Dominicans have smoked Andullo as a pipe tobacco for more than 500 years. They carve a bit off the hard, fermented log, taking small chunks and adding them to their pipe. (The log is so hard, some smokers leave a block of it in the sun to further harden, and then carve it into the shape of a pipe, meaning they can smoke Andullo out of Andullo itself.) Kevin Newman, brand manager for Project 805, says the Andullo gives the cigar "a thick, earthy sweetness. The leaf is really leathery,” he says. “It adds most of the cigar’s body.”"
(G. Clay Whittaker)

Copy & pasting now firmly aside, let's do 

The Cigar:
Project 805 Andullo
Ventura Cigar Company
Corojo Shade wrapper
Dominican Olor binder
Dominican blend/Andullo fillers
6 x 50 Toro
Pre-light:
Seams are average, and veins numerous. Nothing beyond cosmetic, but very noticeable. There is a slight, very slight tooth. A coffee with milk, caramel complected stick with a single cap only, but a well affixed one. Packing is soft of medium but even and not spongy. Density via a peek at the foot looks less than dense. 

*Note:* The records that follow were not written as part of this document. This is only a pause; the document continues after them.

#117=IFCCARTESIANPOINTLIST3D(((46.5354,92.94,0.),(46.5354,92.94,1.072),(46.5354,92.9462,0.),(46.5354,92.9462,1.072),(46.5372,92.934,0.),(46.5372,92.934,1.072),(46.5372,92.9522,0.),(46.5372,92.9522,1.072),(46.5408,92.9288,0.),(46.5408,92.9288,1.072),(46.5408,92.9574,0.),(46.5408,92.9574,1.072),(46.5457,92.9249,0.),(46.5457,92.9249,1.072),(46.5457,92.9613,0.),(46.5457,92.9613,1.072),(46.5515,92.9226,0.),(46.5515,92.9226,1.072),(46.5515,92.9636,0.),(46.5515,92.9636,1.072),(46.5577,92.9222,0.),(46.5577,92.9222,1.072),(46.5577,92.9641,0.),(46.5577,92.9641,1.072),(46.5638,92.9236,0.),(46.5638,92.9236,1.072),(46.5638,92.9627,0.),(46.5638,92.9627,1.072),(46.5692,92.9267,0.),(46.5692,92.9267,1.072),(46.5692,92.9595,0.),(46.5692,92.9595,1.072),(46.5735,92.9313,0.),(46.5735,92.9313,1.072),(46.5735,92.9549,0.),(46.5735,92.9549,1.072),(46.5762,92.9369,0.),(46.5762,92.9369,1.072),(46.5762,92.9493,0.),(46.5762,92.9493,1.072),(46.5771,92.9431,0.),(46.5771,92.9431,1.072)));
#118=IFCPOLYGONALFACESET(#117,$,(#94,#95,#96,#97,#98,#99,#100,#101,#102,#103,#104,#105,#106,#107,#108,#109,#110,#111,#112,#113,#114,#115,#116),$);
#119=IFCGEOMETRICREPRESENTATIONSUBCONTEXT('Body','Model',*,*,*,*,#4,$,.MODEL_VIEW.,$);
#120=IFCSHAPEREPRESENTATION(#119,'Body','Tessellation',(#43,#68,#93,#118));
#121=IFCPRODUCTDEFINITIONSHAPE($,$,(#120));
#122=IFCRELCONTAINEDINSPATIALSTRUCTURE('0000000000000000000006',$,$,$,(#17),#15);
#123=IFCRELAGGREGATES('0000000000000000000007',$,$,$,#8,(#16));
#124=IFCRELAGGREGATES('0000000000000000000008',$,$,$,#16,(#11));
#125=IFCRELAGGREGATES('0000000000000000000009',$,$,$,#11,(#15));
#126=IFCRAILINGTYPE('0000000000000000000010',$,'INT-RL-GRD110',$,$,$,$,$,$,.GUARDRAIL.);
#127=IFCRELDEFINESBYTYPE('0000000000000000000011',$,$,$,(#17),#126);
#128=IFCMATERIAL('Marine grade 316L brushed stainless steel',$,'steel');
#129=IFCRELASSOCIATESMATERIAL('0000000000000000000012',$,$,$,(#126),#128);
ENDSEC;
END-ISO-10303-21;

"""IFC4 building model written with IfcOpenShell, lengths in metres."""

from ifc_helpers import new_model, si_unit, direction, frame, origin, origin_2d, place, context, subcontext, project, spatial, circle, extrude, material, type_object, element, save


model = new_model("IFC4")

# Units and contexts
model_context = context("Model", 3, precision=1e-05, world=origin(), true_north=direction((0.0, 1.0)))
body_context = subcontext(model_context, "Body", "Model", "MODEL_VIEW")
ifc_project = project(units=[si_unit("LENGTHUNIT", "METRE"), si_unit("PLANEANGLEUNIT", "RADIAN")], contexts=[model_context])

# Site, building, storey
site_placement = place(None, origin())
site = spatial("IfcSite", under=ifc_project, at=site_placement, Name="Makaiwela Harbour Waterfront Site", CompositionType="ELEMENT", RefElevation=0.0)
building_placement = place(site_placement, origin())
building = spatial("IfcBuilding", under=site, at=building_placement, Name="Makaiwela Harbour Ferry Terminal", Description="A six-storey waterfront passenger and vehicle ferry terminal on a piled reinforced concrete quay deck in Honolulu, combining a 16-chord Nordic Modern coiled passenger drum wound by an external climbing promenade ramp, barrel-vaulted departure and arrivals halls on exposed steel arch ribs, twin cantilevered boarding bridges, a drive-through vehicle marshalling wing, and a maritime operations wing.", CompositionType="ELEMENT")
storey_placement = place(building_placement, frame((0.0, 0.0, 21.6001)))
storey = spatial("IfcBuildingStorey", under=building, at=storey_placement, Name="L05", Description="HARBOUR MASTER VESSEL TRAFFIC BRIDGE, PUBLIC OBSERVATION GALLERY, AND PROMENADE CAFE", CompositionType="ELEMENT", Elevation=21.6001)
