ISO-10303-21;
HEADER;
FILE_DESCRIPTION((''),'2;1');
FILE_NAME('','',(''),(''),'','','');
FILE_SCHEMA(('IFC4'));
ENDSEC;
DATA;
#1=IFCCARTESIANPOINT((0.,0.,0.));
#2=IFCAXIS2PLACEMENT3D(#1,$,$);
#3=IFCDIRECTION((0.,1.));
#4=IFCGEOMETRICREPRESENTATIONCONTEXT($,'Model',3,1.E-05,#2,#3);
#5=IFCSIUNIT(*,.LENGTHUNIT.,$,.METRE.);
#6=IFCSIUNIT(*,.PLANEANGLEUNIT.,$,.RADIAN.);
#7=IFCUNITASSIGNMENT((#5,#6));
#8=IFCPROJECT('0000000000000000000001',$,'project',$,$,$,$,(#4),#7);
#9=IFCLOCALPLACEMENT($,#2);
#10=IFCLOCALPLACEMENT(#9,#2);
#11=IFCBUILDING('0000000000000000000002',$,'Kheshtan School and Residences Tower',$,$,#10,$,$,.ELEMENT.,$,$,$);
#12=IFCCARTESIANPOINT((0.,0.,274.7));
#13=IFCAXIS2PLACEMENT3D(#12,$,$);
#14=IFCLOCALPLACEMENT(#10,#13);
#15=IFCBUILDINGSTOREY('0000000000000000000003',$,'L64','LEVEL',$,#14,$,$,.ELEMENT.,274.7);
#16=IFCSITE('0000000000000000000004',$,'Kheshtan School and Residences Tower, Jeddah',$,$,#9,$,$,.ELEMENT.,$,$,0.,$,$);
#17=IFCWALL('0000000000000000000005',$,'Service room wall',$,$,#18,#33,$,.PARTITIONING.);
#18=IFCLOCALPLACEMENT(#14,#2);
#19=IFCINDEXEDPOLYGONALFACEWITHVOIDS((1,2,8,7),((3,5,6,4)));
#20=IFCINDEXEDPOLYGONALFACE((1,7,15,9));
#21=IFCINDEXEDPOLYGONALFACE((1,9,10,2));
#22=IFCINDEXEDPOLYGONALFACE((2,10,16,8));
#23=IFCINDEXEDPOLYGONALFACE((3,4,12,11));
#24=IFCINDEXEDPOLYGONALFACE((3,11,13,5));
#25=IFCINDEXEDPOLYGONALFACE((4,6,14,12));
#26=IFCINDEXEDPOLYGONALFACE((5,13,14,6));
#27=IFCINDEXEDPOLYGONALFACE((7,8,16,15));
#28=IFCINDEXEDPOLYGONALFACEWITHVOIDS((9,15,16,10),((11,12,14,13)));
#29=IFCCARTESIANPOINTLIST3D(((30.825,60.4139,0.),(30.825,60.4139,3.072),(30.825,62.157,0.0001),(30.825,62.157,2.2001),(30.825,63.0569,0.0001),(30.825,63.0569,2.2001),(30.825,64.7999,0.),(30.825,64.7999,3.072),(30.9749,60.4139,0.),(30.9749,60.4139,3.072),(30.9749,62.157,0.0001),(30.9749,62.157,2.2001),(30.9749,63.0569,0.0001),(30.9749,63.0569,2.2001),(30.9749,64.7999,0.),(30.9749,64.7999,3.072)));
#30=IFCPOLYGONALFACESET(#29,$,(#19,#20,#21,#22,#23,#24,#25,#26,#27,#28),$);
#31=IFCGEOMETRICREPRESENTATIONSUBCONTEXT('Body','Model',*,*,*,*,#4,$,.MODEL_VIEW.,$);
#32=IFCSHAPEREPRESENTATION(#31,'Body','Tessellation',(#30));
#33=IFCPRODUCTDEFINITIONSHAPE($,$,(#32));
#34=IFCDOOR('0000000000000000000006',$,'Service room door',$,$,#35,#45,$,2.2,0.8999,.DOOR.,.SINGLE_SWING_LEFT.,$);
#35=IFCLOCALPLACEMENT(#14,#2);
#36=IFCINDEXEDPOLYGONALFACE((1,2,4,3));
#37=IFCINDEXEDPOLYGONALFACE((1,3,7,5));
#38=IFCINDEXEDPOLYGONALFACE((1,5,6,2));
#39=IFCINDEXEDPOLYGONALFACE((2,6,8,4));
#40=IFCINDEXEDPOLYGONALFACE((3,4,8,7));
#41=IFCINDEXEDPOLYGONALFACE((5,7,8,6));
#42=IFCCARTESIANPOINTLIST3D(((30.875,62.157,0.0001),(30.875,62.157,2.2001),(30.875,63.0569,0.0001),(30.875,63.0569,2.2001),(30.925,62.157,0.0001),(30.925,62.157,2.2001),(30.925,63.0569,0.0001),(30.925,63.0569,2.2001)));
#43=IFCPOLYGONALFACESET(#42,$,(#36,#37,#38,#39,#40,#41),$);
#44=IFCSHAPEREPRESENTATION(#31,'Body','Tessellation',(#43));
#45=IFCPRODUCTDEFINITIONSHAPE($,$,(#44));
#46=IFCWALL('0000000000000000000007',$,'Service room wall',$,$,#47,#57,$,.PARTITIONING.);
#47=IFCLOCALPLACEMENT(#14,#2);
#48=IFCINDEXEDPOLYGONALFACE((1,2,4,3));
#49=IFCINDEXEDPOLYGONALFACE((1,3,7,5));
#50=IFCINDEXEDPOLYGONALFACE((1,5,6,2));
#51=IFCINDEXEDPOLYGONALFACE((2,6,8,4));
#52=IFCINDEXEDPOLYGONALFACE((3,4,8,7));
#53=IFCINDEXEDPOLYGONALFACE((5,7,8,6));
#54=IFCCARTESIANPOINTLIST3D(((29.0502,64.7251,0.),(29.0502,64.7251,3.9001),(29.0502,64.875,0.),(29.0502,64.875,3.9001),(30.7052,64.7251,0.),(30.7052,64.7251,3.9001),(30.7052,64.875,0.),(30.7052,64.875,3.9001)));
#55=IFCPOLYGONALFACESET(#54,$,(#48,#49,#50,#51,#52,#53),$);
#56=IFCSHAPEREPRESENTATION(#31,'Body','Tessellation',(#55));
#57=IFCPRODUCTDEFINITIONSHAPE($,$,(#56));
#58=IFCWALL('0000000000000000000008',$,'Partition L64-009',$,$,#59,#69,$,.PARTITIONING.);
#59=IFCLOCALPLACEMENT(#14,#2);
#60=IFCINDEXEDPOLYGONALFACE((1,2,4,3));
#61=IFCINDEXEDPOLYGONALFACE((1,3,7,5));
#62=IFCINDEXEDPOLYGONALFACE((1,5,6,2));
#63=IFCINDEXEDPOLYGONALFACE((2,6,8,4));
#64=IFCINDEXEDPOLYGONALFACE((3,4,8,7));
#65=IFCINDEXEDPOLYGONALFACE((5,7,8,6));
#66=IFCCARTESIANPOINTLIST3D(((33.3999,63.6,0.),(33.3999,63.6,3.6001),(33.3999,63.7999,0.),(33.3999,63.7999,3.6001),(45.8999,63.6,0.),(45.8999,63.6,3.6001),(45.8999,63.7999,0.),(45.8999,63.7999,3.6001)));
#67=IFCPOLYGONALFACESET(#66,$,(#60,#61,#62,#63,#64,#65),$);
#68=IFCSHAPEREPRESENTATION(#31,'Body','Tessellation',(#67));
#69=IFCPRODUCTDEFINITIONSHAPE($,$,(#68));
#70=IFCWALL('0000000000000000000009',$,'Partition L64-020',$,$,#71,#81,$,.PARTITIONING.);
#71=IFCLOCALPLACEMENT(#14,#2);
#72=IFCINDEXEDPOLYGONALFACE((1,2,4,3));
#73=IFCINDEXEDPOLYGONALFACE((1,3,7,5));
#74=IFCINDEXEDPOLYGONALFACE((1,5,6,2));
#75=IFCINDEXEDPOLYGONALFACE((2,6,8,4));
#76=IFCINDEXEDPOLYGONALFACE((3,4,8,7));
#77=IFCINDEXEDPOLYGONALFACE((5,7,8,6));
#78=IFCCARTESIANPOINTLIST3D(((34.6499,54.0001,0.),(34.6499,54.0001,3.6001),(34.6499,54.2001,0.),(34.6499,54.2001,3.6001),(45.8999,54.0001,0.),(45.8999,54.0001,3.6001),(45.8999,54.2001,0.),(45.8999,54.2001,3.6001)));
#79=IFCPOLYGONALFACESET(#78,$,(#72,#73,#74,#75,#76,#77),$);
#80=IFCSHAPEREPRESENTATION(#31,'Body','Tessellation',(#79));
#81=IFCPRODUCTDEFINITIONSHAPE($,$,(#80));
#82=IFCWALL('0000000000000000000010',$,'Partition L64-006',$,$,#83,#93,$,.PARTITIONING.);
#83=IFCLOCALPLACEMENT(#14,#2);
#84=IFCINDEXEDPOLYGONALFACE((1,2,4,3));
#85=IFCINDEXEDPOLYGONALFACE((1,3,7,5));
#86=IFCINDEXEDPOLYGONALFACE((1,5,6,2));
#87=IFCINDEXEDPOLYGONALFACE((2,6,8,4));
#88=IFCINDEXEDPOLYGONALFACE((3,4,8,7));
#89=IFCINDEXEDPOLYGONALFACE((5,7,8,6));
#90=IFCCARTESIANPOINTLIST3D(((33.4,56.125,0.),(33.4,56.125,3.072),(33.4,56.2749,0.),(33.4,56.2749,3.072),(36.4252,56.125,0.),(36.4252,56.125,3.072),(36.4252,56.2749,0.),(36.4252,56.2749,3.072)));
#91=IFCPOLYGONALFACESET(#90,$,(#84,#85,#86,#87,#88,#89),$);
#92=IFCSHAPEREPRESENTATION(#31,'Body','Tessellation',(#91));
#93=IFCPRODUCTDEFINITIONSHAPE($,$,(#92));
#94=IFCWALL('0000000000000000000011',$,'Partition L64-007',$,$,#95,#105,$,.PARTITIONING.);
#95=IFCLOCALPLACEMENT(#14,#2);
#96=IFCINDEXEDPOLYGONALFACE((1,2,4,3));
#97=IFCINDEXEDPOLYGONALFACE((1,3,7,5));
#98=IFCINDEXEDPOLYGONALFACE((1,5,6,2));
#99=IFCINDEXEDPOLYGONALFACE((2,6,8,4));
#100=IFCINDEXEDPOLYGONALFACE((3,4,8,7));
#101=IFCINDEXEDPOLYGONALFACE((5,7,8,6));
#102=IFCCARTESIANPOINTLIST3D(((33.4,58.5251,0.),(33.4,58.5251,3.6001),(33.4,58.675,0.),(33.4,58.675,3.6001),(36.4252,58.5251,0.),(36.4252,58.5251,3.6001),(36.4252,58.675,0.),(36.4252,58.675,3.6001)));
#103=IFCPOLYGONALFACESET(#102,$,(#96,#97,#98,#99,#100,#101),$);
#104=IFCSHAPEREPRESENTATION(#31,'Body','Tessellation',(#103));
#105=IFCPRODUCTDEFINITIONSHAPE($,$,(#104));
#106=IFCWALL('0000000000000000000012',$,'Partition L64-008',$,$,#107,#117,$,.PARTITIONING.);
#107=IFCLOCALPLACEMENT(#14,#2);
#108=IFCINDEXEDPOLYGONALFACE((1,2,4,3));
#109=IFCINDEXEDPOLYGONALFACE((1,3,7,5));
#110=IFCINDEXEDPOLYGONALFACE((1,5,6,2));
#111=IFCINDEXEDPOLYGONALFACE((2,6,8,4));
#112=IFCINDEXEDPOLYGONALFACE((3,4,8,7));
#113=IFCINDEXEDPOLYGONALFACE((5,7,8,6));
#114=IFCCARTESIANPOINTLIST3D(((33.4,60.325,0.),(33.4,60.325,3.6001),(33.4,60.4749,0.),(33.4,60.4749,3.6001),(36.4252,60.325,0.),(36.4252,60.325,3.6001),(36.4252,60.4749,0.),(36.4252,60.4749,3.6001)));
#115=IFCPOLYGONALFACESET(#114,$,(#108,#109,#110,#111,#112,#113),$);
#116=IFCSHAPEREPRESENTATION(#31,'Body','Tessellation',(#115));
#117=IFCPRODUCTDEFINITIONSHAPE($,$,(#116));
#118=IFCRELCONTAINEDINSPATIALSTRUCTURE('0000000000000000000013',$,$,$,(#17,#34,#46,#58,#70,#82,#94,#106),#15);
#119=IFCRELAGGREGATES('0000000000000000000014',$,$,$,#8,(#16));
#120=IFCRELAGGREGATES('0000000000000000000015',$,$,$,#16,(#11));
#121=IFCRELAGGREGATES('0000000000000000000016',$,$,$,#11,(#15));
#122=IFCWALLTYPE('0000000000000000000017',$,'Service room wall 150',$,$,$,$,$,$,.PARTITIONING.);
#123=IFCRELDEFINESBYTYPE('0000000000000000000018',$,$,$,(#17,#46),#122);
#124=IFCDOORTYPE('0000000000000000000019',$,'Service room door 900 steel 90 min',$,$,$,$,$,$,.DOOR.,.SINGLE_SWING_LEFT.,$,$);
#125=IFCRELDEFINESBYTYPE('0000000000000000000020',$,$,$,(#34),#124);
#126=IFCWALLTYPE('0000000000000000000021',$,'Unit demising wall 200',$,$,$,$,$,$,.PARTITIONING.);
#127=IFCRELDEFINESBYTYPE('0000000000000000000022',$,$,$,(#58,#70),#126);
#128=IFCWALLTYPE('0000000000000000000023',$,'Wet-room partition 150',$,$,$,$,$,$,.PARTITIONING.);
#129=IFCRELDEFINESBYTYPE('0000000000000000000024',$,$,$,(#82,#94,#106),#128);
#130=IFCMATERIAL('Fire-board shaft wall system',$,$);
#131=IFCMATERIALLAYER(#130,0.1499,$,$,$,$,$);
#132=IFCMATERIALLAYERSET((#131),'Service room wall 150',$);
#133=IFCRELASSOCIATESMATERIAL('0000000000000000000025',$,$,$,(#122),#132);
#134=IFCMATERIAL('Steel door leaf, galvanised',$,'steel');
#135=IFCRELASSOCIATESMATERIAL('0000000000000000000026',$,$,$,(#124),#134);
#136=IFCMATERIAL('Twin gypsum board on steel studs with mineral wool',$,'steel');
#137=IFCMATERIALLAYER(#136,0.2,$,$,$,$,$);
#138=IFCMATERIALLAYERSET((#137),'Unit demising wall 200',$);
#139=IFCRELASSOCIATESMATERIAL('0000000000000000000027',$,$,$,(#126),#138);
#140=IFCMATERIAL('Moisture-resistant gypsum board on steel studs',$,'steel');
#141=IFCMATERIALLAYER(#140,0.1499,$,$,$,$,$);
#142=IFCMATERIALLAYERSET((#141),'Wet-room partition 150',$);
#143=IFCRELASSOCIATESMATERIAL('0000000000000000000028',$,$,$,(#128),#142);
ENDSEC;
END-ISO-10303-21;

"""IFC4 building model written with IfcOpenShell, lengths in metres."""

from ifc_helpers import new_model, si_unit, direction, frame, frame_2d, origin, place, context, subcontext, project, spatial, rectangle, extrude, source, transform, mapped, material, layer, layer_set, type_object, element, fill, save


model = new_model("IFC4")

# Units and contexts
model_context = context("Model", 3, precision=1e-05, world=origin(), true_north=direction((0.0, 1.0)))
body_context = subcontext(model_context, "Body", "Model", "MODEL_VIEW")
ifc_project = project(units=[si_unit("LENGTHUNIT", "METRE"), si_unit("PLANEANGLEUNIT", "RADIAN")], contexts=[model_context])

# Site, building, storey
site_placement = place(None, origin())
site = spatial("IfcSite", under=ifc_project, at=site_placement, Name="Kheshtan School and Residences Tower, Jeddah", CompositionType="ELEMENT", RefElevation=0.0)
building_placement = place(site_placement, origin())
building = spatial("IfcBuilding", under=site, at=building_placement, Name="Kheshtan School and Residences Tower", CompositionType="ELEMENT")
storey_placement = place(building_placement, frame((0.0, 0.0, 274.7)))
storey = spatial("IfcBuildingStorey", under=building, at=storey_placement, Name="L64", Description="LEVEL", CompositionType="ELEMENT", Elevation=274.7)

# Shared definitions
ifc_material_1 = material(Name="Fire-board shaft wall system")
ifc_layer_1 = layer(ifc_material_1, 0.1499)
ifc_layer_set_1 = layer_set([ifc_layer_1], Name="Service room wall 150")
wall_type_1 = type_object("IfcWallType", Name="Service room wall 150", PredefinedType="PARTITIONING", material=ifc_layer_set_1)

# Shared definitions
ifc_material_2 = material(Name="Steel door leaf, galvanised", Category="steel")
door_type_1 = type_object("IfcDoorType", Name="Service room door 900 steel 90 min", OperationType="SINGLE_SWING_LEFT", PredefinedType="DOOR", material=ifc_material_2)
shared_shape_1 = source(origin(), body_context, "Body", "SweptSolid", [
    extrude(rectangle(XDim=0.8999, YDim=2.2, at=frame_2d((0.45, 1.1001))), frame((0.0, 0.0249, 0.0), z_axis=(0.0, -1.0, 0.0), x_axis=(1.0, 0.0, 0.0)), (0.0, 0.0, 1.0), 0.05),
])

# Wall, opening, door
wall_1_placement = place(storey_placement, frame((30.8999, 60.4141, 0.0), z_axis=(0.0, 0.0, 1.0), x_axis=(0.0, 1.0, 0.0)))
wall_1 = element("IfcWall", 1, at=wall_1_placement, inside=storey, type_object=wall_type_1, Name="Service room wall", PredefinedType="PARTITIONING", context=body_context, shape_type="SweptSolid", body=[
    extrude(rectangle(XDim=4.386, YDim=0.1499, at=frame_2d((2.1929, 0.0))), origin(), (0.0, 0.0, 1.0), 3.072),
])
opening_1_placement = place(wall_1_placement, frame((1.7429, 0.0, 0.0)))
opening_1 = element("IfcOpeningElement", 2, at=opening_1_placement, cuts=wall_1, PredefinedType="OPENING", context=body_context, shape_type="SweptSolid", body=[
    extrude(rectangle(XDim=0.8999, YDim=2.2, at=frame_2d((0.45, 1.1001))), frame((0.0, 0.085, 0.0), z_axis=(0.0, -1.0, 0.0), x_axis=(1.0, 0.0, 0.0)), (0.0, 0.0, 1.0), 0.1699),
])
door_1_placement = place(opening_1_placement, origin())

I sniff said foot: Very sweet, very mild. A tinge of white pepper behind that. Wrapper is grassy hay farm stuffs. and there is something else that puts me in mind of nougat. A lightly roasted coffee. Pale nuttiness, macadamia-like.

Cold pull is of bakers spice, mainly. A mild and sweet tobacco. Good smooth draw.

The band is drek. A vomiting up of 'cool' on someone's home printer. The secondary label simply,  in a somewhat out of design context touts "Andullo." The worst kept secret since Liberace's sexual preferences.

Light:
Very leathery toasting smoke. And a very leathery first hot draw. Very, very peaty finish. Some tangy sourness. Second hot pull is retro-haled and a nice roasted white pepper is displayed. It kindly does away with the near acidic finish of the first. The third hot pull is... is ... caramel ever harsh? Maybe. 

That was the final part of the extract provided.